人口問題は、21世紀の人類生存を左右する地球上の最も重要な課題です。日本では少子高齢化の進展で人口問題といえば高齢化と少子化に終始している感がありますが1999年に60億人を超えた世界現在65億人に達し、人口は依然として増え続けています。今後、2050年ぐらいまでは約90億人にまで増加を続けると考えられており、この地球環境に大きな圧迫を加えることは間違いありません。
人口の増加は、あらゆる社会・経済問題に大きな影響を及ぼします。その中でも特に世界人口の大半を占めるアジアにおける人口の行方が、人類生存のカギを握っているといえます。
今、世界各地で叫ばれている"環境問題"も、人口の増加が大きな根本原因です。日本での食料は豊富に出回っていますが、世界に目を転じるとその様相は危機的ともいえます。人口増加に伴う食料不足を補うため、灌漑農業の拡大とその過剰揚水による水不足、地下水位の低下・枯渇が生じ、さらに新規耕地を求めて山岳部に開発の手が入り、環境維持的でない焼畑農業が広がり、燃料にするための薪伐採などが行われた結果、森林破壊、土壌流出をもたらしています。また一方では急速な工業化は大気汚染や水質汚濁など多くの産業公害を引き起こしています。地球環境の悪化は、もうこれ以上放置できないないギリギリのところにきています。この問題に根本的に対処するためには人口の安定化が絶対に不可欠です。

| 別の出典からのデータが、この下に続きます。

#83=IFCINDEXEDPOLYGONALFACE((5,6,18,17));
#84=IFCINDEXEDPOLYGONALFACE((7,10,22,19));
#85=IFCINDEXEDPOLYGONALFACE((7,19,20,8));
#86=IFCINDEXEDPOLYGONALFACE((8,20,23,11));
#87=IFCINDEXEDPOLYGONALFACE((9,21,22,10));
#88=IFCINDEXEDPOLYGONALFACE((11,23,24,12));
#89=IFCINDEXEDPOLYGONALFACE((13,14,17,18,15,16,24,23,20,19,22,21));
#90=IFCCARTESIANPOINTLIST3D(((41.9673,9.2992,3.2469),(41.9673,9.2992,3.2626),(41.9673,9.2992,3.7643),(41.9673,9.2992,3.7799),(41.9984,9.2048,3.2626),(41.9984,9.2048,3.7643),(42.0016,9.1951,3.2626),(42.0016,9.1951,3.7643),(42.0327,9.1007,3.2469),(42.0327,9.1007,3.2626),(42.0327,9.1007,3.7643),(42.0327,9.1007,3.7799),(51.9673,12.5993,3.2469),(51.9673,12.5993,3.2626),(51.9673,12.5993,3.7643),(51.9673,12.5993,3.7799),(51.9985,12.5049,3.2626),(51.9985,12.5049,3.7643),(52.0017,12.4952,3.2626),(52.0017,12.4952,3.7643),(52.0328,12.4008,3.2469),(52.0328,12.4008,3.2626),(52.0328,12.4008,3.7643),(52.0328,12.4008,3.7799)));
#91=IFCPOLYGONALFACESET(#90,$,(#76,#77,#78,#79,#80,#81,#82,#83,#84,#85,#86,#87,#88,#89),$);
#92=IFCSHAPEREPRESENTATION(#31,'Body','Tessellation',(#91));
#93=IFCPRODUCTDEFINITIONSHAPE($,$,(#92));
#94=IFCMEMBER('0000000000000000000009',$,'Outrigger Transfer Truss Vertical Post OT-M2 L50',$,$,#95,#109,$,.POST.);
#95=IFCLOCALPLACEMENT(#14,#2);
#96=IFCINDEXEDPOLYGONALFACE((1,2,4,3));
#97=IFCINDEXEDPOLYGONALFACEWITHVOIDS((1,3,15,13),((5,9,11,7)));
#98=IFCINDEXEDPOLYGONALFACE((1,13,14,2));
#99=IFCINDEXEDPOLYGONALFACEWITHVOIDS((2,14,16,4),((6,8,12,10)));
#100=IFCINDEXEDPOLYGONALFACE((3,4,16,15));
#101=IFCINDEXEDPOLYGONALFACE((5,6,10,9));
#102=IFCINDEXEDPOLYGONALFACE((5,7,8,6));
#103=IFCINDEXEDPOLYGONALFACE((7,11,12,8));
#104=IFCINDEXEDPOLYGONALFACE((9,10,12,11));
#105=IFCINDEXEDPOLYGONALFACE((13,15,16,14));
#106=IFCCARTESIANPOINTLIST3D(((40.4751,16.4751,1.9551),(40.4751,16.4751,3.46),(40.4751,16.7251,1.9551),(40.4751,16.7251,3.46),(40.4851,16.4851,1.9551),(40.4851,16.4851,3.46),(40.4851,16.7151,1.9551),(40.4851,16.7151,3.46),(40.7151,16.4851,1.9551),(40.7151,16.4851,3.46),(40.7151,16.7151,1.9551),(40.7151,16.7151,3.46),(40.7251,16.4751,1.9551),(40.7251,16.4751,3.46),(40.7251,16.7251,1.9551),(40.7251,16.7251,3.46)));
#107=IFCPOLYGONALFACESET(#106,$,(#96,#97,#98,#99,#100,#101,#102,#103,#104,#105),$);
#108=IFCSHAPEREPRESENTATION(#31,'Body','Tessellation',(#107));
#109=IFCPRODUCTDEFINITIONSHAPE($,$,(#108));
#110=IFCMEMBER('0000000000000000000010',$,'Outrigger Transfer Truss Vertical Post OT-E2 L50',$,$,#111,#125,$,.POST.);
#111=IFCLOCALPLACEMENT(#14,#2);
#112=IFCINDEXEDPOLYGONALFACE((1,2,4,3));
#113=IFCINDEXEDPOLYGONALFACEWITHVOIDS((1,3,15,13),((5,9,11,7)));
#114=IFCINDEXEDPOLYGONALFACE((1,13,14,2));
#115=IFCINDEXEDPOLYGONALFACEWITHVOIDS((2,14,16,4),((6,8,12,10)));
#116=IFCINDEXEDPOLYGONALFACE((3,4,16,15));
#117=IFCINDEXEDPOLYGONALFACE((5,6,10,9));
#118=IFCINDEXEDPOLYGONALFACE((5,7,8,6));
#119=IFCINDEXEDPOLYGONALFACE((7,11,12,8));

現在、世界の人口問題は複雑な様相を示しています。サハラ以南のアフリカや南アジアでは爆発的な人口増加が続き、貧困に悩んでいると同時に、HIV/エイズの蔓延が大きな被害をもたらしています。また日本などのような先進国では、少子・高齢化が進み将来の深刻な労働問題や社会保障費の増大、経済力の衰退など、様々な重大な社会・経済問題を抱えています。人口問題は私達にとって身近な、"幸せ"や"生き方"を左右する問題でもあるのです。